6. Question: Are you able to read and follow the logic of this decision tree?

7. Predict the labels of the test set with the model.

In [36]:
tree_predictions = tree_model.predict(X_test)

8. Get the prediction accuracy.

In [37]:
tree_score = accuracy_score(
    y_true = y_test, 
    y_pred = tree_predictions)

9. Inspect the prediction accuracy.

In [38]:
print(tree_score)
0.9665809768637532

10. Visualize the prediction errors (in red).

In [39]:
plt.scatter(
    x = X_test.Age,
    y = X_test.BMI,
    color = np.where(
        y_test == tree_predictions, 
        'black', 
        'red'))
plt.xlabel("Age")
plt.ylabel("BMI")
plt.show()

6. Predict with a Neural Network Classifier

1. Import the standard scaler from sklearn.

In [40]:
from sklearn.preprocessing import StandardScaler

2. Create a standard scaler.

In [41]:
scaler = StandardScaler()

3. Fit the scaler to all training data (i.e. X).

In [42]:
scaler.fit(X)
Out[42]:
StandardScaler(copy=True, with_mean=True, with_std=True)

4. Scale the training and test set.

In [43]:
X_train_scaled = scaler.transform(X_train)

X_test_scaled = scaler.transform(X_test)

5. Import the neural network classifier from sklearn.

In [44]:
from sklearn.neural_network import MLPClassifier

6. Create a neural network classifier with 4 hidden tanh layers.

In [45]:
neural_model = MLPClassifier(
    hidden_layer_sizes = (4),
    activation = "tanh",
    max_iter = 2000)

7. Train the model using the training data.

In [46]:
neural_model.fit(
    X = X_train_scaled, 
    y = y_train)
Out[46]:
MLPClassifier(activation='tanh', alpha=0.0001, batch_size='auto', beta_1=0.9,
       beta_2=0.999, early_stopping=False, epsilon=1e-08,
       hidden_layer_sizes=4, learning_rate='constant',
       learning_rate_init=0.001, max_iter=2000, momentum=0.9,
       nesterovs_momentum=True, power_t=0.5, random_state=None,
       shuffle=True, solver='adam', tol=0.0001, validation_fraction=0.1,
       verbose=False, warm_start=False)

8. Predict the test set labels using the model.

In [47]:
neural_predictions = neural_model.predict(X_test_scaled)
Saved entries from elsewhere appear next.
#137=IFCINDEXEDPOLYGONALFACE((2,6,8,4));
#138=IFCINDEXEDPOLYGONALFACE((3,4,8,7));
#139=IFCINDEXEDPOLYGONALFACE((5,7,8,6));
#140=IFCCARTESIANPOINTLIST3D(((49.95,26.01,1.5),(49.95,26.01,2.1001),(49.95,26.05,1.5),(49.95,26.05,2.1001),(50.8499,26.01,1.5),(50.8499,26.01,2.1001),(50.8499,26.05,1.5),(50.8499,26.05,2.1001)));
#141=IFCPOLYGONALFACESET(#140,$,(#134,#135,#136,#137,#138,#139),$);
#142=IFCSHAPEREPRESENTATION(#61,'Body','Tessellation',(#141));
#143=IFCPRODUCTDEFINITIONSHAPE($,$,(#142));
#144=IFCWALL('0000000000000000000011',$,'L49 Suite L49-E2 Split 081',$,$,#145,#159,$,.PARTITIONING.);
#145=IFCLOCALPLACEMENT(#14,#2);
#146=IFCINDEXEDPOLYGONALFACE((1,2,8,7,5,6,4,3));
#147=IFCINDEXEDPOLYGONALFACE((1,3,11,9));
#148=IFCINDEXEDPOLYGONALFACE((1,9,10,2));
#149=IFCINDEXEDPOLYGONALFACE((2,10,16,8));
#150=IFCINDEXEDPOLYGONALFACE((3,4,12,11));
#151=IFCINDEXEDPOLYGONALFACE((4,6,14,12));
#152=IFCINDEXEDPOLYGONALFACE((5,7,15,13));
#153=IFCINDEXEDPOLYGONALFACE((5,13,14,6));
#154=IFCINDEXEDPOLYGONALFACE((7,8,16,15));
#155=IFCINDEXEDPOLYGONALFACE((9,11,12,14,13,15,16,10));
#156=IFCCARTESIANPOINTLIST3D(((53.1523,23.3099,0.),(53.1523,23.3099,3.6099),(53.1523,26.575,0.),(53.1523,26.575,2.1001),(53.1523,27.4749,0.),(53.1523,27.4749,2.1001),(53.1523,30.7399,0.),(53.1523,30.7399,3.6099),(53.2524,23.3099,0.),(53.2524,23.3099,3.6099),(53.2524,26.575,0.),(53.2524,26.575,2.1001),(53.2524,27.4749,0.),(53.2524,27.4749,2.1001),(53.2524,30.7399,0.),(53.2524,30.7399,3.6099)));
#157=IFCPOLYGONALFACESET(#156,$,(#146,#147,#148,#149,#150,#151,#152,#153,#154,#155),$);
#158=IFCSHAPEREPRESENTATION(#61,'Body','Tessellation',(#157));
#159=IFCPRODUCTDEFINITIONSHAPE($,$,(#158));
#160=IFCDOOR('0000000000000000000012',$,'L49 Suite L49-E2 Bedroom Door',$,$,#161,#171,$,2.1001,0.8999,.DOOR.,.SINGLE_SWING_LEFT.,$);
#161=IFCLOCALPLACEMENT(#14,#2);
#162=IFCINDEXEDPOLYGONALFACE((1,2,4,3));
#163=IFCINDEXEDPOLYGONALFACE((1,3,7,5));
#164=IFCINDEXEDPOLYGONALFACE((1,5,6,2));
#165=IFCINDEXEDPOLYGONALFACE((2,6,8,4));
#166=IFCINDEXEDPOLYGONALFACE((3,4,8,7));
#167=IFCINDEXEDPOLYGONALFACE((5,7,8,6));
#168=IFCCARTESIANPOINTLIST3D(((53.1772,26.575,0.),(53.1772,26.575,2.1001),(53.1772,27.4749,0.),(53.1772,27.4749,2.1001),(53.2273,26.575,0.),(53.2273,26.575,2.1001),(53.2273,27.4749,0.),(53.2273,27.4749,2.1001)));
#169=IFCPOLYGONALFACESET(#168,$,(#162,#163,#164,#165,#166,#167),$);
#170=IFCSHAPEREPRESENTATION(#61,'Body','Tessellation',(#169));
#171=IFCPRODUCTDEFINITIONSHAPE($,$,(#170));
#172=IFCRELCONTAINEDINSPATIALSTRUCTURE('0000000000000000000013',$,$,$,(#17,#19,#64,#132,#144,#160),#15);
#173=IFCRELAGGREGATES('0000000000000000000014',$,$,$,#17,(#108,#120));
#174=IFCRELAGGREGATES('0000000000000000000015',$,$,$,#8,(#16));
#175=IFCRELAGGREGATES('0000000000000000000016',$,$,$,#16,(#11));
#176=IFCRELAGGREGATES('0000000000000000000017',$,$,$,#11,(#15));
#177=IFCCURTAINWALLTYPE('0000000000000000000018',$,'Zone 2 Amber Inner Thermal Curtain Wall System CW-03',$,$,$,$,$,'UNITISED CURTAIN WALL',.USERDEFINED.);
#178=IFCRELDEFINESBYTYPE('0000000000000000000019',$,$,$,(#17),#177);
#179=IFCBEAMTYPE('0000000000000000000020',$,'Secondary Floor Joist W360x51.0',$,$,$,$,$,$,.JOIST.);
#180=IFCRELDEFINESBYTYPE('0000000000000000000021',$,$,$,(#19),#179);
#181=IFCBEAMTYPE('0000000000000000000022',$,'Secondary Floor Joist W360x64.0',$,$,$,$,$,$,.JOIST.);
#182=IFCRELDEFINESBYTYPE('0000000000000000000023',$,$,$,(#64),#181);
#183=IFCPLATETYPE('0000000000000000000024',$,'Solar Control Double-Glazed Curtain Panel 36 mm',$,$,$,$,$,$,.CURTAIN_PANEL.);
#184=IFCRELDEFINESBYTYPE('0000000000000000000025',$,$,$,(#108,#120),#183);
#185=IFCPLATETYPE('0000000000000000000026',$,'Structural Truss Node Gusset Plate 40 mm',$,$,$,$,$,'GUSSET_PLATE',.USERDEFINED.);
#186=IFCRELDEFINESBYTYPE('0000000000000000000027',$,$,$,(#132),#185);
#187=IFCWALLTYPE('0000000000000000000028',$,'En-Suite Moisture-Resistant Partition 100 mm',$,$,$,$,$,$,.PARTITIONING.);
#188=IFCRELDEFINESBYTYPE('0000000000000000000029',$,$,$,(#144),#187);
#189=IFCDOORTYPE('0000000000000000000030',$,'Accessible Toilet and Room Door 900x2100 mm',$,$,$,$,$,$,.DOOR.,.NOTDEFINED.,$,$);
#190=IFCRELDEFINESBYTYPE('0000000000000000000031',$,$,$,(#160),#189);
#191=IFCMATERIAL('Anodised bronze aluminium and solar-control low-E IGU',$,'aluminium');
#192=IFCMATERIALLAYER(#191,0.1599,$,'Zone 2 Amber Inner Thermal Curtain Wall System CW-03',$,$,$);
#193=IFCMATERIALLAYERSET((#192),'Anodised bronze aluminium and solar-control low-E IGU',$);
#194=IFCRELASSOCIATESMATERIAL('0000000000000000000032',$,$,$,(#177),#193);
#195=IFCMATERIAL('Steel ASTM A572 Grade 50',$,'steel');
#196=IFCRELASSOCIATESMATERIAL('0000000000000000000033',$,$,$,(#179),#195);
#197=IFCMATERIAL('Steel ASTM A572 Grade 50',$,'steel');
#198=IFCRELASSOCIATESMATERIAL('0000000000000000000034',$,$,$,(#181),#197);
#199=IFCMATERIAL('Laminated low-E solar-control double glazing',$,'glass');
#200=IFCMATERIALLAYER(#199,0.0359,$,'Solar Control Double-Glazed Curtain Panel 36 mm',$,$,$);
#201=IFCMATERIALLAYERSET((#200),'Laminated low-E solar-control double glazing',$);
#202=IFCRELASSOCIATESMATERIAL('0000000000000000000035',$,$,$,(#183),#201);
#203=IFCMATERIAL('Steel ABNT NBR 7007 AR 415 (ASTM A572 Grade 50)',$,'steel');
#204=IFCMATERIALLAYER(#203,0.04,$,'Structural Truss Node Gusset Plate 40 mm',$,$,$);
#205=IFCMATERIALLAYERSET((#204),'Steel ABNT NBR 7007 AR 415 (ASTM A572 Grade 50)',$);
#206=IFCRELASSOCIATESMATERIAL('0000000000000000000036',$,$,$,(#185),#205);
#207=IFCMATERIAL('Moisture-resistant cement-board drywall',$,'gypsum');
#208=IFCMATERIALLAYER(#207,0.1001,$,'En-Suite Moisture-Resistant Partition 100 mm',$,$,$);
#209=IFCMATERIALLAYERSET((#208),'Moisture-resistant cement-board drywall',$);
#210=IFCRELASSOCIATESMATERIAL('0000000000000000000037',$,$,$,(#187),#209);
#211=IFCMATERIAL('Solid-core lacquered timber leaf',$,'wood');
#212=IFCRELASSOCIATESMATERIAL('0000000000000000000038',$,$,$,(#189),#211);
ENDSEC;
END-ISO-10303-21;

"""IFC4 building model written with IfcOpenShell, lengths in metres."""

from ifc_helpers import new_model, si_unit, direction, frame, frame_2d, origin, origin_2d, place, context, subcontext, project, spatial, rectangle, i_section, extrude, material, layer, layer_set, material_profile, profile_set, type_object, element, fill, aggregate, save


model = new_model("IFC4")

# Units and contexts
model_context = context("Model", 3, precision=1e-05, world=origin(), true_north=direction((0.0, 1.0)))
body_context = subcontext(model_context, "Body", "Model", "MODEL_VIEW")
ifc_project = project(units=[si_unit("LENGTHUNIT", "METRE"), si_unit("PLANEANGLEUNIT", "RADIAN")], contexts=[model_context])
9. Get the prediction accuracy.

In [48]:
neural_score = accuracy_score(
    y_true = y_test, 
    y_pred = neural_predictions)

10. Inspect the prediction accuracy.

In [49]:
print(neural_score)
0.9717223650385605

11. Visualize the prediction errors (in red).

In [50]:
plt.scatter(
    x = X_test.Age,
    y = X_test.BMI,
    color = np.where(
        y_test == neural_predictions, 
        'black', 
        'red'))
plt.xlabel("Age")
plt.ylabel("BMI")
plt.show()

7. Evaluate the Classifier

1. Compare the accuracy of all three models.

In [51]:
print("KNN: ", knn_score)
print("Tree:", tree_score)
print("NNet:", neural_score)
KNN:  0.9691516709511568
Tree: 0.9665809768637532
NNet: 0.9717223650385605

2. Question: Which of these three classifiers would you choose? Why?